3. A biomaterial, wherein the biomaterial may be any one of the following (B1)-(B4): (B1) encodes a protease Ab Tp's DNA molecule; (B2) An expression cassette containing the DNA molecule described in (B1); (B3) A recombinant vector containing the DNA molecule described in (B1), or a recombinant vector containing the expression cassette described in (B2); (B4) A recombinant microorganism containing the DNA molecule described in (B1), or a recombinant microorganism containing the expression cassette described in (B2), or a recombinant microorganism containing the recombinant vector described in (B3); in, (B1) The nucleotide sequence of the DNA molecule is shown in SEQ ID NO:
2.
4. A method for hydrolyzing proteins in shrimp shells, characterized in that, The method comprises adding the protease described in claim 1 to a shrimp shell buffer solution for hydrolysis.
5. The application of the protease of claim 1 and the biomaterial of claim 3 in the hydrolysis of proteins in shrimp shells.
6. The application according to claim 5, characterized in that, Disperse shrimp shells in a pH 6.0 buffer solution and add protease. Ab Tp, shrimp shell and protease Ab The mass ratio of Tp is 5g:5mg.

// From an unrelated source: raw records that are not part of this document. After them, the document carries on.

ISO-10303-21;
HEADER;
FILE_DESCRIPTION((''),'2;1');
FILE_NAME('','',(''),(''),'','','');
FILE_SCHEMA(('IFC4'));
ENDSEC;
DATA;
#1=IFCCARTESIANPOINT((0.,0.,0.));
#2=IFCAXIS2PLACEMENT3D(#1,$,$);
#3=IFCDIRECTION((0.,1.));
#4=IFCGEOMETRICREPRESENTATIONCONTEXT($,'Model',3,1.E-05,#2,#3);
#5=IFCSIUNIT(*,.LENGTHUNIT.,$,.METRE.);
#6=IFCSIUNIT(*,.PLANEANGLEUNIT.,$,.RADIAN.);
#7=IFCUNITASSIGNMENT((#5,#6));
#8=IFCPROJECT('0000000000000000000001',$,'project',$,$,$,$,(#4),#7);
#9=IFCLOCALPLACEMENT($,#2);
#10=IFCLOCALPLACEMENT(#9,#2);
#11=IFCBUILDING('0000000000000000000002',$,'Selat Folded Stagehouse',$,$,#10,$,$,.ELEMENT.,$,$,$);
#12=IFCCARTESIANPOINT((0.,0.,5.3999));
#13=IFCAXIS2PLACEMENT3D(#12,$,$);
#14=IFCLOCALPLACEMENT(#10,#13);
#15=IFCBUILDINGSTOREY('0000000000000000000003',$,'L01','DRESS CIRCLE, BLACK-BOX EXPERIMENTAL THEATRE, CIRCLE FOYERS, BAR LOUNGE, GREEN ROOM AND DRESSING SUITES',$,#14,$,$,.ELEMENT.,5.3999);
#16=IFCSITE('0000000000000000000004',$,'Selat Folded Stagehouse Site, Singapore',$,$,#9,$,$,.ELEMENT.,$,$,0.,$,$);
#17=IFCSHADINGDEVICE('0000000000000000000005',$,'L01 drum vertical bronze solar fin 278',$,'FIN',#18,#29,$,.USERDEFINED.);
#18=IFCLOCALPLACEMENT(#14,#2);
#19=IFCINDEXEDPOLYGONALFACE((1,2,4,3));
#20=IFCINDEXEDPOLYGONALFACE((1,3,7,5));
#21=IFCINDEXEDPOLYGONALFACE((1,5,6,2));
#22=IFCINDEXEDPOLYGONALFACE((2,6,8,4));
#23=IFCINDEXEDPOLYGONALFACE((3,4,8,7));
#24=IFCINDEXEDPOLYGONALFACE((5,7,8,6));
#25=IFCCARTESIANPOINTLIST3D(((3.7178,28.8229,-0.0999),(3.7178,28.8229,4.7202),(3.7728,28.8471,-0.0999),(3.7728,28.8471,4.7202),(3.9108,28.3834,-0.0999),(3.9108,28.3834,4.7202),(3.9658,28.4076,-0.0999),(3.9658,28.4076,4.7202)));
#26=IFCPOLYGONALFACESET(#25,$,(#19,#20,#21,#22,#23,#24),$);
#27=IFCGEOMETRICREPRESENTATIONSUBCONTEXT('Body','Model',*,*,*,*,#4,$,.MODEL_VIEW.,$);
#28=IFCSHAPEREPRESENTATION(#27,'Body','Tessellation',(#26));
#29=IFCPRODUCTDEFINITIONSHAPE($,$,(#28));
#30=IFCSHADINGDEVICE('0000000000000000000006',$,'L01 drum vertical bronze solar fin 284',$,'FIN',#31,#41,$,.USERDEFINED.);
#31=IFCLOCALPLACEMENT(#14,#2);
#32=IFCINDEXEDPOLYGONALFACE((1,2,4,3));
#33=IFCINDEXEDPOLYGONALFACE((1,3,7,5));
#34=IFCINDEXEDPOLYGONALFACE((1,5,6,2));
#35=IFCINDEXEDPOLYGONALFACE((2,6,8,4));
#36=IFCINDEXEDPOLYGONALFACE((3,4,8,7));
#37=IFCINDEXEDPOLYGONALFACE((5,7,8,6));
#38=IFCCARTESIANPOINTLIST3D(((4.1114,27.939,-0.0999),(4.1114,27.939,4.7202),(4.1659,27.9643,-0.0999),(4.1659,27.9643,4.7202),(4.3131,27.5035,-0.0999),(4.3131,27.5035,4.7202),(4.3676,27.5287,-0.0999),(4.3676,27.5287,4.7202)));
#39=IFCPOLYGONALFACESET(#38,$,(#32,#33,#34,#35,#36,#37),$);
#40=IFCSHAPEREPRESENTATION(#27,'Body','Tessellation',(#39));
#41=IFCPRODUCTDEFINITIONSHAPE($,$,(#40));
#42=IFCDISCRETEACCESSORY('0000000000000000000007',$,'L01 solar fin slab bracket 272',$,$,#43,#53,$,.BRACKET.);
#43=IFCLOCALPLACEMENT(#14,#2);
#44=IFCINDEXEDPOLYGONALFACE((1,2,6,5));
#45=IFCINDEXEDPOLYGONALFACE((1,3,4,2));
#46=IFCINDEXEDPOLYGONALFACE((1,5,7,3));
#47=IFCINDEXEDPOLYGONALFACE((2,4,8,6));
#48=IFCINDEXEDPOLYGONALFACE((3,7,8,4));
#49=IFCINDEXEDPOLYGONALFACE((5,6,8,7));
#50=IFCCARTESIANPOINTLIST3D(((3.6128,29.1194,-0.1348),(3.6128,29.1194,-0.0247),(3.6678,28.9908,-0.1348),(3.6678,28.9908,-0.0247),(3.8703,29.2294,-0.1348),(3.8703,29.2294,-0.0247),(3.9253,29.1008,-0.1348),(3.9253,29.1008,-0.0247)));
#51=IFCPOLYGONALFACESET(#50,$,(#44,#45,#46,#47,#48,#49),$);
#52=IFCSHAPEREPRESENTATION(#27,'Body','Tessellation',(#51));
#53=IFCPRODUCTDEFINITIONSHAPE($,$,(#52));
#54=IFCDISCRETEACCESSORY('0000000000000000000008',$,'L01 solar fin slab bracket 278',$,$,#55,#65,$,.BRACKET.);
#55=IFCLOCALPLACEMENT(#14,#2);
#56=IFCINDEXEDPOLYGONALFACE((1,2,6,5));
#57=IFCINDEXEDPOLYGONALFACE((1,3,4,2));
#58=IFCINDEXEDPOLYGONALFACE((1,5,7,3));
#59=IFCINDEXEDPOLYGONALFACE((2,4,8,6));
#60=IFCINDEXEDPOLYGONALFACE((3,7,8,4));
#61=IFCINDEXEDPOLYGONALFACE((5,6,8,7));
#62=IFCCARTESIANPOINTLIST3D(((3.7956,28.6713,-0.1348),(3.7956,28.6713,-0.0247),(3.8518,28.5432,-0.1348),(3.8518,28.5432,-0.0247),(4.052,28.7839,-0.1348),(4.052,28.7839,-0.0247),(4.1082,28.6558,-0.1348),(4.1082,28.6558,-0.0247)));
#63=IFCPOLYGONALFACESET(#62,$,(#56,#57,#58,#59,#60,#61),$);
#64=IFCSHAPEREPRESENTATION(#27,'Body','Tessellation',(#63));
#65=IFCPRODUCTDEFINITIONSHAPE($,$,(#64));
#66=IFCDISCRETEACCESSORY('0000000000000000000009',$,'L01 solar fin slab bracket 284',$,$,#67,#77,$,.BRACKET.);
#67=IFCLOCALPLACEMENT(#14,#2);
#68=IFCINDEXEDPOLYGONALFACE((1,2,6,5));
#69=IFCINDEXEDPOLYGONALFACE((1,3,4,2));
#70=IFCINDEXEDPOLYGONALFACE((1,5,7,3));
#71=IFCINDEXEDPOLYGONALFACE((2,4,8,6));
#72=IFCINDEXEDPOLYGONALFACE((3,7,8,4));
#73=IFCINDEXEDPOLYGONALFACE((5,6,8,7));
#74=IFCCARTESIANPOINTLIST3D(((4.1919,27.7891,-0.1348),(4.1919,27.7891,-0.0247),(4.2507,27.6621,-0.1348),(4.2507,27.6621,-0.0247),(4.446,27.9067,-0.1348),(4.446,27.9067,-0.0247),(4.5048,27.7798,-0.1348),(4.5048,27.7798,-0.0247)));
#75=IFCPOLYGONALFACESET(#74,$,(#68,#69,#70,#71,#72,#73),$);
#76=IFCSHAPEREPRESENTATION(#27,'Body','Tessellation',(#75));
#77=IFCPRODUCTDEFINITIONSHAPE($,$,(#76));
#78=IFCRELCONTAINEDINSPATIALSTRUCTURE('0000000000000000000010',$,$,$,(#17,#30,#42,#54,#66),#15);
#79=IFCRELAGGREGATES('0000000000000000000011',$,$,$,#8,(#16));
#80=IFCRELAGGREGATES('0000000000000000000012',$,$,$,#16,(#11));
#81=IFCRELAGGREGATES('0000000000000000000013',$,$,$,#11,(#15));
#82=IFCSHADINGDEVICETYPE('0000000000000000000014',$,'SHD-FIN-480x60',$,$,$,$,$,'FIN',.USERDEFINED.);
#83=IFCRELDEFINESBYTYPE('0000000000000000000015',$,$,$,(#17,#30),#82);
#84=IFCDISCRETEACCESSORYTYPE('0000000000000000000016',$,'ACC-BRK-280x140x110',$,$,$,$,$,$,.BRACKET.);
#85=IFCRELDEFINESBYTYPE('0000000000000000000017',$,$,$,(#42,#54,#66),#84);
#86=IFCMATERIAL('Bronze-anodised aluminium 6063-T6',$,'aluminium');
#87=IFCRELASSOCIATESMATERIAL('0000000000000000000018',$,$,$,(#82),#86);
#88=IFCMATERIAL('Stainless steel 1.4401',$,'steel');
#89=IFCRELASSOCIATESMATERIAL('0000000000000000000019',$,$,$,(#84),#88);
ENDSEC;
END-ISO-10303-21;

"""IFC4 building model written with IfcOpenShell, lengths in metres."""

from ifc_helpers import new_model, si_unit, direction, frame, origin, origin_2d, place, context, subcontext, project, spatial, rectangle, extrude, material, material_profile, profile_set, type_object, element, save


model = new_model("IFC4")

# Units and contexts
model_context = context("Model", 3, precision=1e-05, world=origin(), true_north=direction((0.0, 1.0)))
body_context = subcontext(model_context, "Body", "Model", "MODEL_VIEW")
ifc_project = project(units=[si_unit("LENGTHUNIT", "METRE"), si_unit("PLANEANGLEUNIT", "RADIAN")], contexts=[model_context])

# Site, building, storey
site_placement = place(None, origin())
site = spatial("IfcSite", under=ifc_project, at=site_placement, Name="Selat Folded Stagehouse Site, Singapore", CompositionType="ELEMENT", RefElevation=0.0)
building_placement = place(site_placement, origin())
building = spatial("IfcBuilding", under=site, at=building_placement, Name="Selat Folded Stagehouse", CompositionType="ELEMENT")
storey_placement = place(building_placement, frame((0.0, 0.0, 5.3999)))
storey = spatial("IfcBuildingStorey", under=building, at=storey_placement, Name="L01", Description="DRESS CIRCLE, BLACK-BOX EXPERIMENTAL THEATRE, CIRCLE FOYERS, BAR LOUNGE, GREEN ROOM AND DRESSING SUITES", CompositionType="ELEMENT", Elevation=5.3999)

# Shading devices
ifc_material_1 = material(Name="Bronze-anodised aluminium 6063-T6", Category="aluminium")
ifc_material_profile_1 = material_profile(ifc_material_1, rectangle(XDim=0.0601, YDim=0.48, at=origin_2d()), Name="SOLAR-FIN 480x60")
ifc_profile_set_1 = profile_set([ifc_material_profile_1], Name="Bronze-anodised aluminium 6063-T6")
shading_device_type = type_object("IfcShadingDeviceType", Name="SHD-FIN-480x60", ElementType="FIN", PredefinedType="USERDEFINED", material=ifc_profile_set_1)
for number, where, z_axis, x_axis, name in (
    (1, (3.8418, 28.6152, -0.0999), (0.0, 0.0, 1.0), (-0.915663, -0.401948, 0.0), "L01 drum vertical bronze solar fin 278"),
    (2, (4.2395, 27.7339, -0.0999), (0.0, 0.0, 1.0), (-0.907411, -0.420244, 0.0), "L01 drum vertical bronze solar fin 284"),
):
    element("IfcShadingDevice", number, at=place(storey_placement, frame(where, z_axis=z_axis, x_axis=x_axis)), inside=storey, type_object=shading_device_type, Name=name, ObjectType="FIN", PredefinedType="USERDEFINED", context=body_context, shape_type="SweptSolid", body=[
        extrude(rectangle(XDim=0.0601, YDim=0.48, at=origin_2d()), origin(), (0.0, 0.0, 1.0), 4.8201),
    ])

# Discrete accessories
ifc_material_2 = material(Name="Stainless steel 1.4401", Category="steel")
discrete_accessory_type = type_object("IfcDiscreteAccessoryType", Name="ACC-BRK-280x140x110", PredefinedType="BRACKET", material=ifc_material_2)
for number, where, z_axis, x_axis, name in (
    (3, (3.769, 29.1101, -0.1348), (0.0, 0.0, 1.0), (-0.919616, -0.392819, 0.0), "L01 solar fin slab bracket 272"),
    (4, (3.9519, 28.6636, -0.1348), (0.0, 0.0, 1.0), (-0.915663, -0.401948, 0.0), "L01 solar fin slab bracket 278"),
    (5, (4.3484, 27.7844, -0.1348), (0.0, 0.0, 1.0), (-0.907411, -0.420244, 0.0), "L01 solar fin slab bracket 284"),
):
    element("IfcDiscreteAccessory", number, at=place(storey_placement, frame(where, z_axis=z_axis, x_axis=x_axis)), inside=storey, type_object=discrete_accessory_type, Name=name, PredefinedType="BRACKET", context=body_context, shape_type="SweptSolid", body=[
        extrude(rectangle(XDim=0.28, YDim=0.1399, at=origin_2d()), origin(), (0.0, 0.0, 1.0), 0.1101),
    ])

save(model, "model.ifc")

7. The application according to claim 5, characterized in that, The shrimp shells mentioned are crayfish shells. They are heated at 120°C for 30 minutes to inactivate the enzymes contained in the shrimp shells, and then the dried shrimp shells are crushed using a grinder.
8. The application according to claim 5, characterized in that, Add 5g of crayfish shells to a pH 6.0 buffer solution, then add 5mg of protease. Ab The volume was adjusted to 100 mL, the reaction temperature was set at 60℃, the shaking speed was set at 200 rpm, and the reaction was carried out for 13 h.